The Trump administration is poised to argue that a specific provision within the 14th Amendment does not exclude children of parents who are not authorized permanent residents from citizenship. This clause states that birthright citizenship extends to people born in the United States and “subject to the jurisdiction thereof.”
Hans von Spakowski, a senior legal fellow at the conservative Heritage Foundation, advances this argument more fully, to write That children whose parents are not permanent legal residents of the United States are “subject to the political jurisdiction (and allegiance) of the country of their parents.”
“The fact that tourists or illegal aliens are subject to our laws and to our courts if they violate our laws does not place them within the political ‘jurisdiction’ of the United States as that phrase is defined in the 14th Amendment. The Framers did,” according to von Spakowski.
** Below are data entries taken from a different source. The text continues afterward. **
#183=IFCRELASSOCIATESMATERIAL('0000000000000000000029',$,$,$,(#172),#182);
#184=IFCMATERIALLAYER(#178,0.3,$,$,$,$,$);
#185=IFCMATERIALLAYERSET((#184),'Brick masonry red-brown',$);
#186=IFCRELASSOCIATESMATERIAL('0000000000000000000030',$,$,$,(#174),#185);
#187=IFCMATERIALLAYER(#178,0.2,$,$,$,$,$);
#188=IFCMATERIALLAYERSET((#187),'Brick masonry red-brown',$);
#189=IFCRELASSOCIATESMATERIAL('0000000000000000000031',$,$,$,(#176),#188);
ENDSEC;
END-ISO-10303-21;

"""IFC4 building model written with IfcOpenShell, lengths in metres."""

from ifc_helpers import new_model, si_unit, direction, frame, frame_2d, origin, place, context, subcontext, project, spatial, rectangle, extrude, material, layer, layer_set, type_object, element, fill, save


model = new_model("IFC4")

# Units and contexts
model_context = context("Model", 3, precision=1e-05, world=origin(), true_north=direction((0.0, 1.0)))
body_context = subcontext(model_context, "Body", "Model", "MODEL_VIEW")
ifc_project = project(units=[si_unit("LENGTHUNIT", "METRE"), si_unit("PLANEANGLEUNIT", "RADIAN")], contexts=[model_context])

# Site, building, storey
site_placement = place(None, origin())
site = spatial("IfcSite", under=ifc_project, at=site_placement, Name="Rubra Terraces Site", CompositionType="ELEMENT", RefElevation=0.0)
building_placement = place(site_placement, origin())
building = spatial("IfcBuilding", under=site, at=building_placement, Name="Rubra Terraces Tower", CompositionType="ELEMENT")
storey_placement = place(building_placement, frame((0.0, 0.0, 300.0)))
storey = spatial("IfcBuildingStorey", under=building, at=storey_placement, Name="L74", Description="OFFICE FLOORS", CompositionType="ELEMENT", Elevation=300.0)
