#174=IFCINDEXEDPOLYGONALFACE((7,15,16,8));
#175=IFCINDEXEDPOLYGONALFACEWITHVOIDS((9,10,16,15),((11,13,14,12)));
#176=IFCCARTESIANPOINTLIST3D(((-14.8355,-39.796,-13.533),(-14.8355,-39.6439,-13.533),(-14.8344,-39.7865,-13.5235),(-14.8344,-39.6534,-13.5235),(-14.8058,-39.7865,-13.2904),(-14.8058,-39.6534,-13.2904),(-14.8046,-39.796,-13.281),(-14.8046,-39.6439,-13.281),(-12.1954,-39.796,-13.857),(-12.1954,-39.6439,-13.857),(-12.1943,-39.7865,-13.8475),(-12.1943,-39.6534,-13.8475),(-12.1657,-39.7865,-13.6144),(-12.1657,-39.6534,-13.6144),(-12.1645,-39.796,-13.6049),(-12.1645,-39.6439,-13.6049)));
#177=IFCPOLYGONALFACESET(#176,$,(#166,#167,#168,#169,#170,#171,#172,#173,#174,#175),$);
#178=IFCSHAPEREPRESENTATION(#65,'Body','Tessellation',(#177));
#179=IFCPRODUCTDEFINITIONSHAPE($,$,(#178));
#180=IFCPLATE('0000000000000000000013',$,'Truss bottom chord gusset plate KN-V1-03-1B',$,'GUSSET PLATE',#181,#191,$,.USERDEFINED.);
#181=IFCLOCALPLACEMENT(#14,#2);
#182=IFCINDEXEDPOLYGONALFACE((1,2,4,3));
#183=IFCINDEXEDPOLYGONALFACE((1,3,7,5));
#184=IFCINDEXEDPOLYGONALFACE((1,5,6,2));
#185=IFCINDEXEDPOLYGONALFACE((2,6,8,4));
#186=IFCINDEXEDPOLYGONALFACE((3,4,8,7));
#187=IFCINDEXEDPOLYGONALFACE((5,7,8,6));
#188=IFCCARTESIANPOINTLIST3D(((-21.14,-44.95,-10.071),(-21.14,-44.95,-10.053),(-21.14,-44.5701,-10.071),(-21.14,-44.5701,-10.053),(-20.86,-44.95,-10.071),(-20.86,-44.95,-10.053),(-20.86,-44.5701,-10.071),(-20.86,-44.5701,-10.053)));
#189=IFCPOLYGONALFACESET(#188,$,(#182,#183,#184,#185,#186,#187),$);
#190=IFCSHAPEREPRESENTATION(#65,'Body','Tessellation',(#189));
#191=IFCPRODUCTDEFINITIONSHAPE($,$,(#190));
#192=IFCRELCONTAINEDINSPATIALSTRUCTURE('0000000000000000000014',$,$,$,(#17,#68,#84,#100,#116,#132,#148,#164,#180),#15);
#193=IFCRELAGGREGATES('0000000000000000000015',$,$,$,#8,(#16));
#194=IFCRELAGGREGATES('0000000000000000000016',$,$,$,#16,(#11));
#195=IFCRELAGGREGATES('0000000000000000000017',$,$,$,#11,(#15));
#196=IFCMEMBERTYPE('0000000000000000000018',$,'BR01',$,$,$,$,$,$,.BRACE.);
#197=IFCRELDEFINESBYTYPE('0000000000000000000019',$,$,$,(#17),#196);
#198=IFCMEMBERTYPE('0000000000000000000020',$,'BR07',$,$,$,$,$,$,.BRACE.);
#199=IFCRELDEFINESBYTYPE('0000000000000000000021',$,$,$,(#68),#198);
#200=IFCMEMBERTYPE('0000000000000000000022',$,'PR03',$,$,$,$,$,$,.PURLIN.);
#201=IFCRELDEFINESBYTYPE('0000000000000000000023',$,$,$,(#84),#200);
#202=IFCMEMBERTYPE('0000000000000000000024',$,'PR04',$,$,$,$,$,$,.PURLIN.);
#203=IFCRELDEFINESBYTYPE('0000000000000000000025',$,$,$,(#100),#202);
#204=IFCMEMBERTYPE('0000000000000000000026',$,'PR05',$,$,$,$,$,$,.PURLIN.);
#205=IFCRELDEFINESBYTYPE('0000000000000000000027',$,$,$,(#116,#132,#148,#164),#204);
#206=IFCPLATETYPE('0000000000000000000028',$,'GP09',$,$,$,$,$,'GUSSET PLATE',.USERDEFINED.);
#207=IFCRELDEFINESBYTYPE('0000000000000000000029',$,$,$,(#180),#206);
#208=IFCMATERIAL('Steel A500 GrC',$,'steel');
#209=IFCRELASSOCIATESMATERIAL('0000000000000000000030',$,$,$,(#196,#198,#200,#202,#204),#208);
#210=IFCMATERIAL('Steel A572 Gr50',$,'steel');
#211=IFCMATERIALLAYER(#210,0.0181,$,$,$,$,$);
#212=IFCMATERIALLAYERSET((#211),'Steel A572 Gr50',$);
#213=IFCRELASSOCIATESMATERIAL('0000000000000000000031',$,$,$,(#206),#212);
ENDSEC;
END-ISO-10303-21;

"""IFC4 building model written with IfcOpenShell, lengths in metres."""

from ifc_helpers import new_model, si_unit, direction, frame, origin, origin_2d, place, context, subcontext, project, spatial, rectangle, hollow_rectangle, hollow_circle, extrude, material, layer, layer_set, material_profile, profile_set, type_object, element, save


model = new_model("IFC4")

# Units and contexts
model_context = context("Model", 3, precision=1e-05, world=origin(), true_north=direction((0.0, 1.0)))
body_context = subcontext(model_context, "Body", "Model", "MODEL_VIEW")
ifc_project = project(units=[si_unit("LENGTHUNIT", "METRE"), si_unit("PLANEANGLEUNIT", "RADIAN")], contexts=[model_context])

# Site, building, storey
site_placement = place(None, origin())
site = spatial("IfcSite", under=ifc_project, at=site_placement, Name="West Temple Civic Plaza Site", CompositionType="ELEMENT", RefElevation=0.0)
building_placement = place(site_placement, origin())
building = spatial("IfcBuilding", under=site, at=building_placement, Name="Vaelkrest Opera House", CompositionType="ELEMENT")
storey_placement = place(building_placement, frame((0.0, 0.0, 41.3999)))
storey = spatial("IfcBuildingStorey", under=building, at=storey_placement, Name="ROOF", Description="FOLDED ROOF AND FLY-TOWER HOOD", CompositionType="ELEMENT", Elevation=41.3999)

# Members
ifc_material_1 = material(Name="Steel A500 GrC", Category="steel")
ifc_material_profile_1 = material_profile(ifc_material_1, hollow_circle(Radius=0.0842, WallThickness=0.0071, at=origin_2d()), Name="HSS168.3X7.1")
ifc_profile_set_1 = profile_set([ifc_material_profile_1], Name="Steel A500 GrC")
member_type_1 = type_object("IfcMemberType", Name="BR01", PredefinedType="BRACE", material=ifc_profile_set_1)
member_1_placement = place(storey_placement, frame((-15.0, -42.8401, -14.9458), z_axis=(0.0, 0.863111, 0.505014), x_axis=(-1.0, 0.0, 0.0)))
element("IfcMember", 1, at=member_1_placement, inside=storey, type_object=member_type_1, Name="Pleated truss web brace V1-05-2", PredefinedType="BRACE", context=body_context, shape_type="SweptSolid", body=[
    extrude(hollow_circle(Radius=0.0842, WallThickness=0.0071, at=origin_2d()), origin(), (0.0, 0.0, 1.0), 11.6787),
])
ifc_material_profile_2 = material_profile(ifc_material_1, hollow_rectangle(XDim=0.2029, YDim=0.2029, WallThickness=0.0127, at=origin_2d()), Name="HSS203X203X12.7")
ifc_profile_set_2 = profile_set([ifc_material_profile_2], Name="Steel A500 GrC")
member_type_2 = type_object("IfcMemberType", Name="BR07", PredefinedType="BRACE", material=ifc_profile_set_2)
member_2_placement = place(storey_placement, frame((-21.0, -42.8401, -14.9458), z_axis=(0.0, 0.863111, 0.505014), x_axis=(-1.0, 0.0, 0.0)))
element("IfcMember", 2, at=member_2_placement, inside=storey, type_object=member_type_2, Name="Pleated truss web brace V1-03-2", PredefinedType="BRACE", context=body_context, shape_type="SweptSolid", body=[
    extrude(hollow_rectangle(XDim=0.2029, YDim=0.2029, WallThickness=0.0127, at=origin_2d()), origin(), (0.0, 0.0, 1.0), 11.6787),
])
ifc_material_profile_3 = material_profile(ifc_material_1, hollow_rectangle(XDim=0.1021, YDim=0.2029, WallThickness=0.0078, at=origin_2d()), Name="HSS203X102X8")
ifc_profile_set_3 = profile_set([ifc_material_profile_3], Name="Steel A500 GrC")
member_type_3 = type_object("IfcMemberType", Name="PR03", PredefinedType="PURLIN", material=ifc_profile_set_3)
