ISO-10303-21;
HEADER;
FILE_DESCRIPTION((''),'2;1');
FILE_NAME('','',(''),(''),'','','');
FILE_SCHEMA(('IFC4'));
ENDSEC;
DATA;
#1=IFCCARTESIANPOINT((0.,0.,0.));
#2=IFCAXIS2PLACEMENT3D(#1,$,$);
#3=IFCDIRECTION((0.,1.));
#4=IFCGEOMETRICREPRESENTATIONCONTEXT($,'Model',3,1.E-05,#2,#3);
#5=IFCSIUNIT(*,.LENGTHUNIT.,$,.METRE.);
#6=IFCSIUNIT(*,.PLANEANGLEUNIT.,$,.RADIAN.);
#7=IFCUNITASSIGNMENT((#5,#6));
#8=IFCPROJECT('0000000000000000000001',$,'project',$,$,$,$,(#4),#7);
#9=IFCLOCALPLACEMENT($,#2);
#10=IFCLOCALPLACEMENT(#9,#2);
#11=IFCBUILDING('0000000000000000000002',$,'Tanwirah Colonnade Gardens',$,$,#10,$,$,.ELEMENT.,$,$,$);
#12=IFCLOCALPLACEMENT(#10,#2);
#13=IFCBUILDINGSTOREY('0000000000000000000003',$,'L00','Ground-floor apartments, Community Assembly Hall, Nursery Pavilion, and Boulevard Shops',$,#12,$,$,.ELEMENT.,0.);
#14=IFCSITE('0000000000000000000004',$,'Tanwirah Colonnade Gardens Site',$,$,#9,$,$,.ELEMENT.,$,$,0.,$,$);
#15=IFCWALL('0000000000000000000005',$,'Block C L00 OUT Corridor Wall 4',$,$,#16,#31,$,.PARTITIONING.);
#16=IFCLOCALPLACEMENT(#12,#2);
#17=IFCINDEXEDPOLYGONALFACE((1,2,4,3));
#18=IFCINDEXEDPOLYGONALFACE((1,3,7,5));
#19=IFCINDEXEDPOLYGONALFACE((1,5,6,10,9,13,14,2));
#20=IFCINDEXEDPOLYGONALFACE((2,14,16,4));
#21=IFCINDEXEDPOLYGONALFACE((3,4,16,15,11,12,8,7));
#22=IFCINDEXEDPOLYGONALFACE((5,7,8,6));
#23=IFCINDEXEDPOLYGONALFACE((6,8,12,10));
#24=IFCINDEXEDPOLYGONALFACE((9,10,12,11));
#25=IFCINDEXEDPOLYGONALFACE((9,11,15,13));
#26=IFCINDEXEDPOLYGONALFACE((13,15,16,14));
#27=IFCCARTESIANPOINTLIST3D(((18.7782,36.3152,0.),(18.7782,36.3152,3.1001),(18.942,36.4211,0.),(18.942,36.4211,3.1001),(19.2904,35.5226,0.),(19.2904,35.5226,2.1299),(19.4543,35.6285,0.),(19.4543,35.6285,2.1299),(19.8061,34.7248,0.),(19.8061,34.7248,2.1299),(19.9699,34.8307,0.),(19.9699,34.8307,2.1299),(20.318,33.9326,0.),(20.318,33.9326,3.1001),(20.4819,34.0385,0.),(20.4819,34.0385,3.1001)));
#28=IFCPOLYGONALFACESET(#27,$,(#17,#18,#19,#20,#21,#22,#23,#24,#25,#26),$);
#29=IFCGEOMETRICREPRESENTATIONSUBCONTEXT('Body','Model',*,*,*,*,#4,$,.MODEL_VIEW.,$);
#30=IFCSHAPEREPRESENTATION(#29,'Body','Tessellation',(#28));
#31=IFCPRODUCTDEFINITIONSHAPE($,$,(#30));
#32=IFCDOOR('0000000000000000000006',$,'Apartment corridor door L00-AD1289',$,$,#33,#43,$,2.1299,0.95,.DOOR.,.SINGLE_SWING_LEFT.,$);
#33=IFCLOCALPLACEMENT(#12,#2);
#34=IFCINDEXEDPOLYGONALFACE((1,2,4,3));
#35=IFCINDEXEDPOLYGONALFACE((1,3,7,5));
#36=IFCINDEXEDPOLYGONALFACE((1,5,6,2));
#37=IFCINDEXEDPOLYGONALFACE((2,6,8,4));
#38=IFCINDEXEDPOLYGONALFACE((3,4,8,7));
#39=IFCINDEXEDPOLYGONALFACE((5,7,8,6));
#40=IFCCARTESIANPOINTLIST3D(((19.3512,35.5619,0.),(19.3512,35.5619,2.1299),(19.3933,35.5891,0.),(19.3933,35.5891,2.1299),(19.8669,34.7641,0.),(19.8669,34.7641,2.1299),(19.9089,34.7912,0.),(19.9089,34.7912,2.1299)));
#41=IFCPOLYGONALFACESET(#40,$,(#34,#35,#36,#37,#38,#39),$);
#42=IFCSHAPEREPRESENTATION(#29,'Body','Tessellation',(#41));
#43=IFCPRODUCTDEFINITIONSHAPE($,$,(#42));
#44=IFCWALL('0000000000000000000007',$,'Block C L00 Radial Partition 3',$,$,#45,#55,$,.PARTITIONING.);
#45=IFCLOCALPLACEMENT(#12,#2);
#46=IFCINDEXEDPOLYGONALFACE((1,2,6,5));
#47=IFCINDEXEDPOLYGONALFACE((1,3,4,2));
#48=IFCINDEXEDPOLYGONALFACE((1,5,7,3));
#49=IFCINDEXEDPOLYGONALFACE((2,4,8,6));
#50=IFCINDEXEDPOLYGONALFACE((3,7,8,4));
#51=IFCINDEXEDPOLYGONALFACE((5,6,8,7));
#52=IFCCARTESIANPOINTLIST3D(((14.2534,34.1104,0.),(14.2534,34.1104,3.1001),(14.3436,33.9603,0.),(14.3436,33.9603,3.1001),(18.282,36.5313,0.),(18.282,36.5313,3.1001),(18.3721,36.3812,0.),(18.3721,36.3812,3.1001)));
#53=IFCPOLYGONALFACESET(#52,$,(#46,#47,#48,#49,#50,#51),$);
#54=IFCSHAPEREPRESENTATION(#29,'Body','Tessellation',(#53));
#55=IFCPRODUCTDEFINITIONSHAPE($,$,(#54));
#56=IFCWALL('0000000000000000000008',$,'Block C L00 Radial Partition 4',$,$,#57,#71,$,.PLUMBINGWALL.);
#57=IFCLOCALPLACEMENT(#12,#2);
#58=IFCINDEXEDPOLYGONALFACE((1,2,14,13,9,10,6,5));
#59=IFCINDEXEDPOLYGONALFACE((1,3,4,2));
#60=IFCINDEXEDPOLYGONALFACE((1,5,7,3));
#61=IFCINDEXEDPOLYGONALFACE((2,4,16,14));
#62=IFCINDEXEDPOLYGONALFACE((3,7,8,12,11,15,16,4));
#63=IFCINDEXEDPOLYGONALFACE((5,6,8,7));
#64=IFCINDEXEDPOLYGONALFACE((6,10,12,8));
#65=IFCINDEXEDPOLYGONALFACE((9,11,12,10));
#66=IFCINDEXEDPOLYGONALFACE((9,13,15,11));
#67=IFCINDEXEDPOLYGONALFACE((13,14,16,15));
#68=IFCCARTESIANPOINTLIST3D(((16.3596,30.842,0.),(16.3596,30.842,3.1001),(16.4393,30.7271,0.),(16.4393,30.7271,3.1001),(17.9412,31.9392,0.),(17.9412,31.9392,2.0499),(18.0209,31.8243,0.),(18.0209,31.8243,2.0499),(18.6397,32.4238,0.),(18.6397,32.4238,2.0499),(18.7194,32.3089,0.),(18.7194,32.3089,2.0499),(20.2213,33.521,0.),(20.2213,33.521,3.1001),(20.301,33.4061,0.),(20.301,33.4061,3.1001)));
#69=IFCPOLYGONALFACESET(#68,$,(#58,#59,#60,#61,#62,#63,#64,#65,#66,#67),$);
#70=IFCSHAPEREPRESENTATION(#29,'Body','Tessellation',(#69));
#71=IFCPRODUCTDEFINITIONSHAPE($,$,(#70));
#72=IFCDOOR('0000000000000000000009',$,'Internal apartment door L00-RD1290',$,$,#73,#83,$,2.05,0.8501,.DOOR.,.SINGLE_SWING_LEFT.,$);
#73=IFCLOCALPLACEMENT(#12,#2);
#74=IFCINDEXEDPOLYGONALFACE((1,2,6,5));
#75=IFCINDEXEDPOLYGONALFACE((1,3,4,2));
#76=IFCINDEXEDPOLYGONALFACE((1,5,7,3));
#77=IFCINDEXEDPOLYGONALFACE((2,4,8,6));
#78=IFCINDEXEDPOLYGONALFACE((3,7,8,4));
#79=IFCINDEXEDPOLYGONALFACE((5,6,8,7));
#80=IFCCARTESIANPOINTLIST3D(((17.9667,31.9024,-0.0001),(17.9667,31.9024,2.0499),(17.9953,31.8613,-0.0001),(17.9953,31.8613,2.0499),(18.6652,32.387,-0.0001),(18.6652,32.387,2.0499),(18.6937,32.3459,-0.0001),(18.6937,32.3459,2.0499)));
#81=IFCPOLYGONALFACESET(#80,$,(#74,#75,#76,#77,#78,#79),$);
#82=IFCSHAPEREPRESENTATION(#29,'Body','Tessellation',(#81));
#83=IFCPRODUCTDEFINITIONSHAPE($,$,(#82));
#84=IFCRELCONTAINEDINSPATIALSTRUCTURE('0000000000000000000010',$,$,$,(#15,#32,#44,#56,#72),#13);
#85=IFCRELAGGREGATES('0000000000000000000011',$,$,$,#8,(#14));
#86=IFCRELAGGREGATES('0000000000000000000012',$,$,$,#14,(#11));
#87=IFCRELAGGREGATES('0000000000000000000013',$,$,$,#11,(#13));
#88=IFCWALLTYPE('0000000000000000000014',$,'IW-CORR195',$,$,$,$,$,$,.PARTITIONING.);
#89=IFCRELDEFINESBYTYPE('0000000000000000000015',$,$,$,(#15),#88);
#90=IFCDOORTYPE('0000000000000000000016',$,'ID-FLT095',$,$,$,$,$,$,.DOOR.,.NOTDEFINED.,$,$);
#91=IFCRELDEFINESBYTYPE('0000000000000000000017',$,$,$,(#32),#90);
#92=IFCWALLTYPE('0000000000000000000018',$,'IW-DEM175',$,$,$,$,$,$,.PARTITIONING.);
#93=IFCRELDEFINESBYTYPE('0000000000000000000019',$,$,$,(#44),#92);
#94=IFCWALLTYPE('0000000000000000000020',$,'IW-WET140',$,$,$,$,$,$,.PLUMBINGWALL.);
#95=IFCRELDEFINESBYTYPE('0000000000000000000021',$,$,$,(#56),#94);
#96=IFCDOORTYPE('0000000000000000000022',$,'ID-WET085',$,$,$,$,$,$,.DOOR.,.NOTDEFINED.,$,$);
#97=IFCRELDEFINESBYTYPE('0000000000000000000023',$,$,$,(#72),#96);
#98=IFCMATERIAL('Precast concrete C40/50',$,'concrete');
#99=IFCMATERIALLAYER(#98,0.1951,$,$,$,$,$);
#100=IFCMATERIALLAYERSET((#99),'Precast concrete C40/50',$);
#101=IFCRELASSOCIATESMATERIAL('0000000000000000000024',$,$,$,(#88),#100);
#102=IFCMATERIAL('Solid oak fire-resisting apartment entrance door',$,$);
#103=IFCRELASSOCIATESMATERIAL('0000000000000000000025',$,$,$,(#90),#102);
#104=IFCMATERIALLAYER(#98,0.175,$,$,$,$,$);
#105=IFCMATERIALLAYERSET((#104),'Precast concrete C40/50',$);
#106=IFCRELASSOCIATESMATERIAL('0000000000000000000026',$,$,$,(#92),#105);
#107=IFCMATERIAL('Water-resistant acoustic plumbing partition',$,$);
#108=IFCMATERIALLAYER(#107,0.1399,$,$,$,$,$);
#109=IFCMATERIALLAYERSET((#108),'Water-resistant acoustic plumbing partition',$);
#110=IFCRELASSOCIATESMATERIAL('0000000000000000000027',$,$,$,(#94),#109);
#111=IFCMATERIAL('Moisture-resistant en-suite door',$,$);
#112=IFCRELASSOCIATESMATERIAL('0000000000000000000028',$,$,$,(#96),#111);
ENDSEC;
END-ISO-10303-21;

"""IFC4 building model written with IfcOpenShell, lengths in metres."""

from ifc_helpers import new_model, si_unit, direction, frame, frame_2d, origin, place, context, subcontext, project, spatial, rectangle, extrude, material, layer, layer_set, type_object, element, fill, save


model = new_model("IFC4")

# Units and contexts
model_context = context("Model", 3, precision=1e-05, world=origin(), true_north=direction((0.0, 1.0)))
body_context = subcontext(model_context, "Body", "Model", "MODEL_VIEW")
ifc_project = project(units=[si_unit("LENGTHUNIT", "METRE"), si_unit("PLANEANGLEUNIT", "RADIAN")], contexts=[model_context])

# Site, building, storey
site_placement = place(None, origin())
site = spatial("IfcSite", under=ifc_project, at=site_placement, Name="Tanwirah Colonnade Gardens Site", CompositionType="ELEMENT", RefElevation=0.0)
building_placement = place(site_placement, origin())
building = spatial("IfcBuilding", under=site, at=building_placement, Name="Tanwirah Colonnade Gardens", CompositionType="ELEMENT")
storey_placement = place(building_placement, origin())
storey = spatial("IfcBuildingStorey", under=building, at=storey_placement, Name="L00", Description="Ground-floor apartments, Community Assembly Hall, Nursery Pavilion, and Boulevard Shops", CompositionType="ELEMENT", Elevation=0.0)

# Shared definitions
ifc_material_1 = material(Name="Precast concrete C40/50", Category="concrete")

# Wall, opening, door
ifc_layer_1 = layer(ifc_material_1, 0.1951)
ifc_layer_set_1 = layer_set([ifc_layer_1], Name="Precast concrete C40/50")
wall_type_1 = type_object("IfcWallType", Name="IW-CORR195", PredefinedType="PARTITIONING", material=ifc_layer_set_1)
wall_1_placement = place(storey_placement, frame((18.8601, 36.3682, 0.0), z_axis=(0.0, 0.0, 1.0), x_axis=(0.542787, -0.83987, 0.0)))
wall_1 = element("IfcWall", 1, at=wall_1_placement, inside=storey, type_object=wall_type_1, Name="Block C L00 OUT Corridor Wall 4", PredefinedType="PARTITIONING", context=body_context, shape_type="SweptSolid", body=[
    extrude(rectangle(XDim=2.8369, YDim=0.1951, at=frame_2d((1.4185, 0.0))), origin(), (0.0, 0.0, 1.0), 3.1001),
])
opening_1_placement = place(wall_1_placement, frame((0.9436, 0.0, 0.0)))
opening_1 = element("IfcOpeningElement", 2, at=opening_1_placement, cuts=wall_1, PredefinedType="OPENING", context=body_context, shape_type="SweptSolid", body=[
    extrude(rectangle(XDim=0.95, YDim=2.1299, at=frame_2d((0.4751, 1.0649))), frame((0.0, 0.1074, 0.0), z_axis=(0.0, -1.0, 0.0), x_axis=(1.0, 0.0, 0.0)), (0.0, 0.0, 1.0), 0.2151),
])
ifc_material_2 = material(Name="Solid oak fire-resisting apartment entrance door")
door_type_1 = type_object("IfcDoorType", Name="ID-FLT095", OperationType="NOTDEFINED", PredefinedType="DOOR", material=ifc_material_2)
door_1_placement = place(opening_1_placement, origin())
door_1 = element("IfcDoor", 3, at=door_1_placement, inside=storey, type_object=door_type_1, Name="Apartment corridor door L00-AD1289", OperationType="SINGLE_SWING_LEFT", OverallHeight=2.1299, OverallWidth=0.95, PredefinedType="DOOR", context=body_context, shape_type="SweptSolid", body=[
    extrude(rectangle(XDim=0.95, YDim=2.1299, at=frame_2d((0.4751, 1.0649))), frame((0.0, 0.0249, 0.0), z_axis=(0.0, -1.0, 0.0), x_axis=(1.0, 0.0, 0.0)), (0.0, 0.0, 1.0), 0.05),
])
fill(opening_1, door_1)

# Wall
ifc_layer_2 = layer(ifc_material_1, 0.175)
ifc_layer_set_2 = layer_set([ifc_layer_2], Name="Precast concrete C40/50")
wall_type_2 = type_object("IfcWallType", Name="IW-DEM175", PredefinedType="PARTITIONING", material=ifc_layer_set_2)
wall_2_placement = place(storey_placement, frame((18.3271, 36.4563, 0.0), z_axis=(0.0, 0.0, 1.0), x_axis=(-0.85714, -0.515084, 0.0)))
element("IfcWall", 4, at=wall_2_placement, inside=storey, type_object=wall_type_2, Name="Block C L00 Radial Partition 3", PredefinedType="PARTITIONING", context=body_context, shape_type="SweptSolid", body=[
    extrude(rectangle(XDim=4.7, YDim=0.175, at=frame_2d((2.3501, 0.0))), origin(), (0.0, 0.0, 1.0), 3.1001),
])

# Wall, opening, door
ifc_material_3 = material(Name="Water-resistant acoustic plumbing partition")
ifc_layer_3 = layer(ifc_material_3, 0.1399)
ifc_layer_set_3 = layer_set([ifc_layer_3], Name="Water-resistant acoustic plumbing partition")
wall_type_3 = type_object("IfcWallType", Name="IW-WET140", PredefinedType="PLUMBINGWALL", material=ifc_layer_set_3)
wall_3_placement = place(storey_placement, frame((20.2612, 33.4636, 0.0), z_axis=(0.0, 0.0, 1.0), x_axis=(-0.821638, -0.570009, 0.0)))
wall_3 = element("IfcWall", 5, at=wall_3_placement, inside=storey, type_object=wall_type_3, Name="Block C L00 Radial Partition 4", PredefinedType="PLUMBINGWALL", context=body_context, shape_type="SweptSolid", body=[
    extrude(rectangle(XDim=4.7, YDim=0.1399, at=frame_2d((2.3501, 0.0))), origin(), (0.0, 0.0, 1.0), 3.1001),
])
opening_2_placement = place(wall_3_placement, frame((1.925, 0.0, 0.0)))
opening_2 = element("IfcOpeningElement", 6, at=opening_2_placement, cuts=wall_3, PredefinedType="OPENING", context=body_context, shape_type="SweptSolid", body=[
But the attorney general says that position is clearly outside of how courts and presidential administrations have interpreted the 14th Amendment’s citizenship clause for more than a century. In their lawsuit, they argue that the jurisdictional language in the amendment was intended to exclude those who were exempt from local laws, including tribal members and the children of secretaries of state.
“No president has tried to do this since the Civil War, and so I’m sure the courts will see that this is a clear violation of the Constitution and the laws of this nation,” Plotkin told USA Today. “
Trump has “tried to undo more than 125 years of the United States Supreme Court,” Bonta said. “And so he clearly violated that law. He attacked American citizens. He attacked children. He violated the American Constitution.”